[Editorial] Manipulating the media

Posted on : 2008-01-14 15:08 KST Modified on : 2008-01-14 15:08 KST

It has been revealed that the presidential transition team directed civil servants at the Ministry of Culture and Tourism, which is responsible for overseeing the publishing of books and periodicals, to report to it about big names in the news media. Reportedly it also told ministry officials to look into advertisers who have influence over given media companies. This is an incident that simply should not have happened in a democratic society, an incident that was an open display of an intention to control the media. The transition team later explained that it took place because of the individual and unauthorized actions of one team member, with the surname Park, while he was at the ministry office.
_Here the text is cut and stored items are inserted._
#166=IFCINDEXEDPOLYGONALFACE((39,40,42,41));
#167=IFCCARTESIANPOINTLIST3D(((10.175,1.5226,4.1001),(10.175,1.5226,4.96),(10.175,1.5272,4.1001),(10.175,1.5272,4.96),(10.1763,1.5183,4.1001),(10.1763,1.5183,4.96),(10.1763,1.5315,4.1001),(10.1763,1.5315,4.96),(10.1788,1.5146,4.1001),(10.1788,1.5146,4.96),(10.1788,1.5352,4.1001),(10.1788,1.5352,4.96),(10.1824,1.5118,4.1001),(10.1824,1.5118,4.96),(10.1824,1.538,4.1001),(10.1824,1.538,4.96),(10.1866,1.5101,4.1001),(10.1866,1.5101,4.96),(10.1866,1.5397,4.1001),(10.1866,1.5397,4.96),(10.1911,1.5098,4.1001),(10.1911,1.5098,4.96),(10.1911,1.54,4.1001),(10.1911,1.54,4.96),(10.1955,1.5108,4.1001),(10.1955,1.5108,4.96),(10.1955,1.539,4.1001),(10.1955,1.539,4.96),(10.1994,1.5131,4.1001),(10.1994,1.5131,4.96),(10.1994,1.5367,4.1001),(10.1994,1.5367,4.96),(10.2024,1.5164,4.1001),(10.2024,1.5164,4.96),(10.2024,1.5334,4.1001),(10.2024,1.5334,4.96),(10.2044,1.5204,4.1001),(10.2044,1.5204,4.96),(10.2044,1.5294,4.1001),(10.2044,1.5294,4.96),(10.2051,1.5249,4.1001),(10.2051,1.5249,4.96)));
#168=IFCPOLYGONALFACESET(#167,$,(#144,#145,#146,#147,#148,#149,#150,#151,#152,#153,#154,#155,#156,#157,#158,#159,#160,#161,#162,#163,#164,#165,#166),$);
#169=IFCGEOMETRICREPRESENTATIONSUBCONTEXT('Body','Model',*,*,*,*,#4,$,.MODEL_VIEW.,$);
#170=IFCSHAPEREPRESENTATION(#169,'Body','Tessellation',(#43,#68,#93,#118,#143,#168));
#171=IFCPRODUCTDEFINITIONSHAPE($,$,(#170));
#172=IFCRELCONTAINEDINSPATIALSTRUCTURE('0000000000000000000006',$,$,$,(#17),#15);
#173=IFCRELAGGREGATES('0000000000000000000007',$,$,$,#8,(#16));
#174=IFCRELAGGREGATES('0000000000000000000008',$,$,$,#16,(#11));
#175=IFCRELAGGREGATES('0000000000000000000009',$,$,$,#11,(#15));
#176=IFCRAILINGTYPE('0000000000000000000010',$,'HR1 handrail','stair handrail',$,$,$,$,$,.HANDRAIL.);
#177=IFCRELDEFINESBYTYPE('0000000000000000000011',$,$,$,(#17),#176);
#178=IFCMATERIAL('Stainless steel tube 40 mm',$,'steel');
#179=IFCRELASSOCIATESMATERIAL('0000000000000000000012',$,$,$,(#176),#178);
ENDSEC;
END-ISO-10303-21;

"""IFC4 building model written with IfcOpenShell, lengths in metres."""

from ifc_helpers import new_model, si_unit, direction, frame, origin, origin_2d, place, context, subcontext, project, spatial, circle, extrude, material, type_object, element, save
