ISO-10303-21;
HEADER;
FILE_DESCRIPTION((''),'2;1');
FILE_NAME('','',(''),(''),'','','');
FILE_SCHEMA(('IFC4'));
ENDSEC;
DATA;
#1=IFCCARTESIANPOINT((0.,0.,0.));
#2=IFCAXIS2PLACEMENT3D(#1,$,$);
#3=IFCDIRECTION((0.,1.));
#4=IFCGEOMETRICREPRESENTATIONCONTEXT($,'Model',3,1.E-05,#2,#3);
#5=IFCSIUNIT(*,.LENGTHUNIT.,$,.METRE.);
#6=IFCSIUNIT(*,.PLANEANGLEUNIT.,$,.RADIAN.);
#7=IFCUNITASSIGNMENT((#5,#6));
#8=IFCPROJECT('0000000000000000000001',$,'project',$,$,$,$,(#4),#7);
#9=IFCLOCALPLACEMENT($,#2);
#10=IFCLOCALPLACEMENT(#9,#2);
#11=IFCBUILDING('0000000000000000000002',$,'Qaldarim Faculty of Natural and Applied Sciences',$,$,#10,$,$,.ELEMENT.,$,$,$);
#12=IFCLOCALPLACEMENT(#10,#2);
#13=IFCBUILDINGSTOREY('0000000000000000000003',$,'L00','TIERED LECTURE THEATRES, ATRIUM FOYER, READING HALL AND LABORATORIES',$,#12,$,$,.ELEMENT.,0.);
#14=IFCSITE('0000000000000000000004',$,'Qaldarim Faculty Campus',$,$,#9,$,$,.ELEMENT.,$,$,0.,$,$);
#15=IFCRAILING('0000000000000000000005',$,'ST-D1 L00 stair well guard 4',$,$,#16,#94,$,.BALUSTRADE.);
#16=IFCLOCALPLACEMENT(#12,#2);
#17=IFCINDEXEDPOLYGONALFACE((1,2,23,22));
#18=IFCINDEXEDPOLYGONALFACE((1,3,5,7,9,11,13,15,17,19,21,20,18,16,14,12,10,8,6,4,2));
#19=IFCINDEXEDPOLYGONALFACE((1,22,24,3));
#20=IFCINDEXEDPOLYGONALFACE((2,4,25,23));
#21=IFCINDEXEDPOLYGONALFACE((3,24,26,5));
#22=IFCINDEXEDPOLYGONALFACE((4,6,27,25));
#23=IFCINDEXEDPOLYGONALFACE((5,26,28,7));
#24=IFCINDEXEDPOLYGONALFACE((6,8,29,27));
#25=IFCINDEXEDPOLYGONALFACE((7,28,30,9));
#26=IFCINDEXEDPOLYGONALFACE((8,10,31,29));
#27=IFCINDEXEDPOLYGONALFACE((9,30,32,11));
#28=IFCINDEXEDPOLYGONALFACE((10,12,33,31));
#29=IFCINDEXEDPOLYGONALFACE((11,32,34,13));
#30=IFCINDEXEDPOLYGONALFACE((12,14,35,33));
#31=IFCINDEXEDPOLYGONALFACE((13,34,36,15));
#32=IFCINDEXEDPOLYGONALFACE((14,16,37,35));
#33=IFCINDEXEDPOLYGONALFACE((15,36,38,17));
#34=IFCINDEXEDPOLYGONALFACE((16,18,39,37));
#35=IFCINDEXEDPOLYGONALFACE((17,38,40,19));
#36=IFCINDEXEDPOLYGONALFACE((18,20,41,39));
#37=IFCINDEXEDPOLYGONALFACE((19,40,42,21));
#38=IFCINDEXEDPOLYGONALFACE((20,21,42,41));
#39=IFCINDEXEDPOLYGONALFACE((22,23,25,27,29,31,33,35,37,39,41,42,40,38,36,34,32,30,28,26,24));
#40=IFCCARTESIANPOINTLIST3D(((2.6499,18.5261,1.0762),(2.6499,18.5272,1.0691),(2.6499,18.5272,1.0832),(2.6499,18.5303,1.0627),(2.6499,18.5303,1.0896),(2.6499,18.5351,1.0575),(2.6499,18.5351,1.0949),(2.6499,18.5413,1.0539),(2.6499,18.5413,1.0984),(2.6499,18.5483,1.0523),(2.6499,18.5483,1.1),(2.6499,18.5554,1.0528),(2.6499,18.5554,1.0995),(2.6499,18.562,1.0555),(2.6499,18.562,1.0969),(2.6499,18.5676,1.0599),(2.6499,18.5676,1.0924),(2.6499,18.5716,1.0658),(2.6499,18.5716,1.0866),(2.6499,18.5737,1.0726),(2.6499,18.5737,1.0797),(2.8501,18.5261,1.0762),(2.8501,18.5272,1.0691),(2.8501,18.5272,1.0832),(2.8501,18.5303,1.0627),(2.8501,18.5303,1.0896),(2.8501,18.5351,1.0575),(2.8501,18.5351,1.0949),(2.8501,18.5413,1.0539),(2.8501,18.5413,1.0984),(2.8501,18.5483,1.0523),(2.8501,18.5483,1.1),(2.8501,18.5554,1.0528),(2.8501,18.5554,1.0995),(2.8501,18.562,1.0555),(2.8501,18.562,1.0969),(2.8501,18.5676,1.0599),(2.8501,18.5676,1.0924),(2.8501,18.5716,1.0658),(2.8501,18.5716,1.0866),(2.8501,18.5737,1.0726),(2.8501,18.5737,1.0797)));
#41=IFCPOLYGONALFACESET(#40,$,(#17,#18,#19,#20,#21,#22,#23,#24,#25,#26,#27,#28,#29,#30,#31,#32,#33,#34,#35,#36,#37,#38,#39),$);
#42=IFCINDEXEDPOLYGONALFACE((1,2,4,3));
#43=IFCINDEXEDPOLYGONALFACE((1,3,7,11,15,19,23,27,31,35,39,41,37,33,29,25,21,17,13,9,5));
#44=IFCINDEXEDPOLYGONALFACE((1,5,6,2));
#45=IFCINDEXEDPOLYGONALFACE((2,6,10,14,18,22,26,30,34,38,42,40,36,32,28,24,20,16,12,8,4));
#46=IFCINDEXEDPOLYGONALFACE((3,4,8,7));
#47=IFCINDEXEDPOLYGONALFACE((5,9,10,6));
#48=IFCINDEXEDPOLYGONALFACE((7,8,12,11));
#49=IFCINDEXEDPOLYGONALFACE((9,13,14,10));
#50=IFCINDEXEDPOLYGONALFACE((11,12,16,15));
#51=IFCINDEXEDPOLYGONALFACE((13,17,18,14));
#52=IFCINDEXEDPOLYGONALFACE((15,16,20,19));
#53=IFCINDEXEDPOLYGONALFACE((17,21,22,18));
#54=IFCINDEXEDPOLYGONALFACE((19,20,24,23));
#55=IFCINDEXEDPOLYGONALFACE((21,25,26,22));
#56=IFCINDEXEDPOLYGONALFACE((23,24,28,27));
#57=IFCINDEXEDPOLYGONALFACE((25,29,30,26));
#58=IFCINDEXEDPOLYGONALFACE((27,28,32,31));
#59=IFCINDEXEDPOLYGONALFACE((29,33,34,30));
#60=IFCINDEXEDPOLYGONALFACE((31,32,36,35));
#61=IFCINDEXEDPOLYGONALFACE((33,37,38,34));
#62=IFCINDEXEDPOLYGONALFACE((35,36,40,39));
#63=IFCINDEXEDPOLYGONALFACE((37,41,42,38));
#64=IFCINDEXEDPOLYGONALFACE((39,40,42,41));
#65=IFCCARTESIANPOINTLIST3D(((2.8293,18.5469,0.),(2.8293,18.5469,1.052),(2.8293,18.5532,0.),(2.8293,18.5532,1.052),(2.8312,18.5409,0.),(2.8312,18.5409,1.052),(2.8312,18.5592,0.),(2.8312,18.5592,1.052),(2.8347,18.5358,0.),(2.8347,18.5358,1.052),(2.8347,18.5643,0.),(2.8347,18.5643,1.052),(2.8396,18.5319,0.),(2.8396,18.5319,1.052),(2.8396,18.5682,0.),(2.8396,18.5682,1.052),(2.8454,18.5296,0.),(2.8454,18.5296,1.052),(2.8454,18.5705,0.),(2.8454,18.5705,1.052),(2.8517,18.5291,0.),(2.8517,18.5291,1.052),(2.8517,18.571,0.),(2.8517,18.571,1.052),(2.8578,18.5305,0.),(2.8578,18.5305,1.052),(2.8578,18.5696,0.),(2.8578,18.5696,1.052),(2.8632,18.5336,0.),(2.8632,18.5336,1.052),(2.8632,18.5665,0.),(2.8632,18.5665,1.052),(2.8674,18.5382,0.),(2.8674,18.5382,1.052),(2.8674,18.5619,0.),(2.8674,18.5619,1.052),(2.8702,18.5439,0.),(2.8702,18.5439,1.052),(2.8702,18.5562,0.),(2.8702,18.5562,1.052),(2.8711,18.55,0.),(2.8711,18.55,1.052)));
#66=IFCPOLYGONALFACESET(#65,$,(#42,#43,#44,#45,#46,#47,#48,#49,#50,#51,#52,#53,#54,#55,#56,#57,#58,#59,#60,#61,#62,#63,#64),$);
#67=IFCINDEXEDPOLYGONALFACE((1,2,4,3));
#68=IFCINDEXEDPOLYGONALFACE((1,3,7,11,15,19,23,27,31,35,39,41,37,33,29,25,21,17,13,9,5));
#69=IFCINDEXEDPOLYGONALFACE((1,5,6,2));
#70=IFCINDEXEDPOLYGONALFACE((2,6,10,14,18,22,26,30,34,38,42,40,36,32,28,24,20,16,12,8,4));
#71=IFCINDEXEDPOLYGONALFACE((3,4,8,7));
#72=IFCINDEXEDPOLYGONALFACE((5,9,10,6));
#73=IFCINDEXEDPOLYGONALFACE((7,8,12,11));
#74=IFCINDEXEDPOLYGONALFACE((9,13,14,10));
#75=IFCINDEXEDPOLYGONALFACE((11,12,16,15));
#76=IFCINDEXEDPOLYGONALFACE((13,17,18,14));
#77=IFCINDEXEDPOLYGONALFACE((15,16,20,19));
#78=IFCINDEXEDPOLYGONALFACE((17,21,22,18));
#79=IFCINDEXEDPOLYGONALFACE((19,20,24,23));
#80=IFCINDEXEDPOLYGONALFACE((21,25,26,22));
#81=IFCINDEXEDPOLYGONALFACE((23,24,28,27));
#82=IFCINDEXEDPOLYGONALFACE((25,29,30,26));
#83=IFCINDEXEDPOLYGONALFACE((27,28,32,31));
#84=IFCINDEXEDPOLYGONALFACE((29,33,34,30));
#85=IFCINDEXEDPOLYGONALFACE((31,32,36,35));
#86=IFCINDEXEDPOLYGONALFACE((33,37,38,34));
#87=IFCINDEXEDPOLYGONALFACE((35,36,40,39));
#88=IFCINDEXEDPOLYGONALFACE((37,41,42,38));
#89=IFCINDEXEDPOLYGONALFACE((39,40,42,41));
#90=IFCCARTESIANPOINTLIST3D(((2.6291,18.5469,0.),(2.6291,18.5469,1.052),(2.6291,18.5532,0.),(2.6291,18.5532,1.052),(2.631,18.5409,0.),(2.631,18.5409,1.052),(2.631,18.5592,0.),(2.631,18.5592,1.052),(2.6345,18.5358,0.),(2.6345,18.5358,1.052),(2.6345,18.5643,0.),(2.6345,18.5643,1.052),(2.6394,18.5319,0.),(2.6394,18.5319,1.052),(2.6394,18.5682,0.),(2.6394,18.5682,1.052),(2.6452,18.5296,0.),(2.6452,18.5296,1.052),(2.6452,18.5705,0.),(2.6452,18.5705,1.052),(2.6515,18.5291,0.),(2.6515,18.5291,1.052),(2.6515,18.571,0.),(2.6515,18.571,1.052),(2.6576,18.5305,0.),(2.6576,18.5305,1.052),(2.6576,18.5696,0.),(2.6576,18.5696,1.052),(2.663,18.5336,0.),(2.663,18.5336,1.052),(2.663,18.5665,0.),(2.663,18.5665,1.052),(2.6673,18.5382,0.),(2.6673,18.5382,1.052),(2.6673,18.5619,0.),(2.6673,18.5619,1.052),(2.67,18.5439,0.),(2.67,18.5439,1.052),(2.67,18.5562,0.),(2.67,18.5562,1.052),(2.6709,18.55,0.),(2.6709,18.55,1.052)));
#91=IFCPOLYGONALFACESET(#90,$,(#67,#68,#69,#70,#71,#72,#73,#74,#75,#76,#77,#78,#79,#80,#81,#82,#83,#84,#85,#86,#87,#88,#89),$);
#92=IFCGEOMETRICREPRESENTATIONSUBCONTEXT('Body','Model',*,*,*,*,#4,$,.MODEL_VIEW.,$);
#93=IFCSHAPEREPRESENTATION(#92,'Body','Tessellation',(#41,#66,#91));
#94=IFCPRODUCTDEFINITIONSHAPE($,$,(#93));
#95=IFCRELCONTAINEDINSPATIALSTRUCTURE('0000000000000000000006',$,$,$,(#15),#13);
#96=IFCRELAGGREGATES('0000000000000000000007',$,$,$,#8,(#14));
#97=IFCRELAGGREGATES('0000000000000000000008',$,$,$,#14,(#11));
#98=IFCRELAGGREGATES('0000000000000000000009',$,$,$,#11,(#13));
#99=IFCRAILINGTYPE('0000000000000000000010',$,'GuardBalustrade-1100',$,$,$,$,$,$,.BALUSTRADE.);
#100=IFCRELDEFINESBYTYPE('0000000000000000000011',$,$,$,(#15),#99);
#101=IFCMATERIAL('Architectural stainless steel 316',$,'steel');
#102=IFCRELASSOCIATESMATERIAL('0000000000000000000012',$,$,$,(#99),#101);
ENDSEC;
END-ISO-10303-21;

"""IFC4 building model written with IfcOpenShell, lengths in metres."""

from ifc_helpers import new_model, si_unit, direction, frame, origin, origin_2d, place, context, subcontext, project, spatial, circle, extrude, material, type_object, element, save


model = new_model("IFC4")

# Units and contexts
model_context = context("Model", 3, precision=1e-05, world=origin(), true_north=direction((0.0, 1.0)))
body_context = subcontext(model_context, "Body", "Model", "MODEL_VIEW")
ifc_project = project(units=[si_unit("LENGTHUNIT", "METRE"), si_unit("PLANEANGLEUNIT", "RADIAN")], contexts=[model_context])

# Site, building, storey
site_placement = place(None, origin())
site = spatial("IfcSite", under=ifc_project, at=site_placement, Name="Qaldarim Faculty Campus", CompositionType="ELEMENT", RefElevation=0.0)
building_placement = place(site_placement, origin())
building = spatial("IfcBuilding", under=site, at=building_placement, Name="Qaldarim Faculty of Natural and Applied Sciences", CompositionType="ELEMENT")
storey_placement = place(building_placement, origin())
storey = spatial("IfcBuildingStorey", under=building, at=storey_placement, Name="L00", Description="TIERED LECTURE THEATRES, ATRIUM FOYER, READING HALL AND LABORATORIES", CompositionType="ELEMENT", Elevation=0.0)

# Shared definitions
ifc_material_1 = material(Name="Architectural stainless steel 316", Category="steel")

# Railing
railing_type_1 = type_object("IfcRailingType", Name="GuardBalustrade-1100", PredefinedType="BALUSTRADE", material=ifc_material_1)
railing_1_placement = place(storey_placement, frame((2.8501, 18.55, 0.0)))
element("IfcRailing", 1, at=railing_1_placement, inside=storey, type_object=railing_type_1, Name="ST-D1 L00 stair well guard 4", PredefinedType="BALUSTRADE", context=body_context, shape_type="SweptSolid", body=[
    extrude(circle(Radius=0.0239, at=origin_2d()), frame((0.0, 0.0, 1.0762), z_axis=(-1.0, 0.0, 0.0), x_axis=(0.0, -1.0, 0.0)), (0.0, 0.0, 1.0), 0.2002),
    extrude(circle(Radius=0.021, at=origin_2d()), origin(), (0.0, 0.0, 1.0), 1.052),
    extrude(circle(Radius=0.021, at=origin_2d()), frame((-0.2002, 0.0, 0.0)), (0.0, 0.0, 1.0), 1.052),
])

save(model, "model.ifc")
It has issued an official apology, called Park back from the ministry, and destroyed the documentation that was produced on its request. However, there are more than a few aspects of this that are suspicious enough to make it difficult to just move on and accept the transition team’s explanation.
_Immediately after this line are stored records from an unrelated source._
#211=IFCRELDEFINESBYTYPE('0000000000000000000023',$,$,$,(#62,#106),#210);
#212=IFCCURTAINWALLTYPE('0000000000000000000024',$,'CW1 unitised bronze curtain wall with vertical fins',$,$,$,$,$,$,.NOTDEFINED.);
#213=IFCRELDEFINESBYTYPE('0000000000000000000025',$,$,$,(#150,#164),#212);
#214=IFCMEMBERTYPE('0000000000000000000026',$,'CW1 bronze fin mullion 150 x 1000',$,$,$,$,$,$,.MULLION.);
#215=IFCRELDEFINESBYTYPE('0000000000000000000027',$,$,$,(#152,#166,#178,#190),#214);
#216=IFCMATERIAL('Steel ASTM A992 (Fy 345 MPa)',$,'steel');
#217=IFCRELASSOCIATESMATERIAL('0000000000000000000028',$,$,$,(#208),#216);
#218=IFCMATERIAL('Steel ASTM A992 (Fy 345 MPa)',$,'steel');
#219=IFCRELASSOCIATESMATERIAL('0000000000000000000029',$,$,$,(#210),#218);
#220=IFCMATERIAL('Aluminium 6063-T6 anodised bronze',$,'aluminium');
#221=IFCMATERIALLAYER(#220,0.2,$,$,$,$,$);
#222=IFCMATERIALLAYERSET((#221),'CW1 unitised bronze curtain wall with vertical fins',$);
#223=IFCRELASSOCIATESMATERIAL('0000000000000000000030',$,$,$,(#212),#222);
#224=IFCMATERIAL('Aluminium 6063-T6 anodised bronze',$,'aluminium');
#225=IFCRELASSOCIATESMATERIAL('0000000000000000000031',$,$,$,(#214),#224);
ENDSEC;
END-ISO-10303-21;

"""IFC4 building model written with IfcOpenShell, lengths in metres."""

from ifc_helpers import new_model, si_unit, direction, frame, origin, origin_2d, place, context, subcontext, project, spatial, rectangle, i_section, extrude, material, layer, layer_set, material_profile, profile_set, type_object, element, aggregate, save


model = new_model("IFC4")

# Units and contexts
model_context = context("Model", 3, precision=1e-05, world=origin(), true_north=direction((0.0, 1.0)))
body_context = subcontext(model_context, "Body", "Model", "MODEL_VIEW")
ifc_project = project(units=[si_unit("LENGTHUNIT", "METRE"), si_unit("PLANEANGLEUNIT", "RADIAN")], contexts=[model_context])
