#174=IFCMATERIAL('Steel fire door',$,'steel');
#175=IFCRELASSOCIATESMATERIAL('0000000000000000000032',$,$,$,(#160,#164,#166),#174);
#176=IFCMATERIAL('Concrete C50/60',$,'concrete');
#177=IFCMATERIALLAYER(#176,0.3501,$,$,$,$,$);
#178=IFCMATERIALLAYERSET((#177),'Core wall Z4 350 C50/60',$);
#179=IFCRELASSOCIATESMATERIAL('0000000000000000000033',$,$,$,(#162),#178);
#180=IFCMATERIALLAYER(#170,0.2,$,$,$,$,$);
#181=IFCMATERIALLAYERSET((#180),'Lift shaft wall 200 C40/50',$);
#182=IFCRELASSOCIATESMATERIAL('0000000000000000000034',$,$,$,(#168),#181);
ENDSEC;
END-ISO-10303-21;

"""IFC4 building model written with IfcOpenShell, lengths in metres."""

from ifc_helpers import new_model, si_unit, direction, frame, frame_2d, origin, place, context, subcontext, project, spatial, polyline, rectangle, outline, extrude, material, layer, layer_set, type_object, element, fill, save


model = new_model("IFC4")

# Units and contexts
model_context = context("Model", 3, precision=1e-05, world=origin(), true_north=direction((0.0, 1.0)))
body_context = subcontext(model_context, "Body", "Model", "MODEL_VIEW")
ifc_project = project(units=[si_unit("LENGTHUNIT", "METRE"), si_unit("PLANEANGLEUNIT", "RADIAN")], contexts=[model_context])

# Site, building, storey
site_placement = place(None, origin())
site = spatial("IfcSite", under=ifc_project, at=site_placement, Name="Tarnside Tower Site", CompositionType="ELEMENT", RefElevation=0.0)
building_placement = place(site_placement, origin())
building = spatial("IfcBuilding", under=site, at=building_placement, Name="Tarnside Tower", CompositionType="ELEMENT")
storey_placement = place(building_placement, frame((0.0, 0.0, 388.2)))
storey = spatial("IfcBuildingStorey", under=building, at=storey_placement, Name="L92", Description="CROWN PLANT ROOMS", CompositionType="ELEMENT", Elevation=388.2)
According to the transition team, Park thought he would ask the ministry to look into individual members of the media to see who he might have nominated to an advisory committee. However, those that were investigated are editors and the heads of media outlets’ politics desks, hardly the kind of people you would appoint to an advisory committee. The fact that ministry officials were told to look into their “political tendencies” is also suspicious. Basic personal information about someone is something you should be able to ascertain without a whole separate inquiry, something that hints at the fact that the main goal of the investigation was to determine their political inclinations. Including in that investigation the presidents of companies that run advertisements in the news media is something that would be hard to interpret as something other than an attempt to use advertisers to manipulate the news. Even the military dictatorships did not go about it so openly.

Even back during the presidential campaign there were moves by aides to President-elect Lee Myung-bak and the Grand National Party trying to tame the media to their liking. They coerced media that were critical of Lee or the GNP with criminal lawsuits and complaints and with civil suits for massive amounts of cash. When the Munhwa Broadcasting Corporation ran an interview with Erica Kim about Lee and the BBK scandal, one Lee aide openly threatened that MBC would be privatized if Lee won the election. This is what makes it hard to rid yourself of the suspicion that what transpired at the Ministry of Culture and Tourism was related to the kind of thinking common during the military dictatorships. The presidential transition team denies it, but it is hard to ignore some media reports that said ministry officials were told to look into members of the media at the direction of someone other than Park, meaning that he would not have been alone in his actions.

In its move to do away with the “newspaper law” and in other things as well, Lee’s new administration is showing signs of regressing to years past. Lee and the GNP need to spend some time in deep thought. History has taught us that when state authority rejects the free criticism and watchfulness of the media and tries to manipulate it instead, it is the powers that be who lose in the end.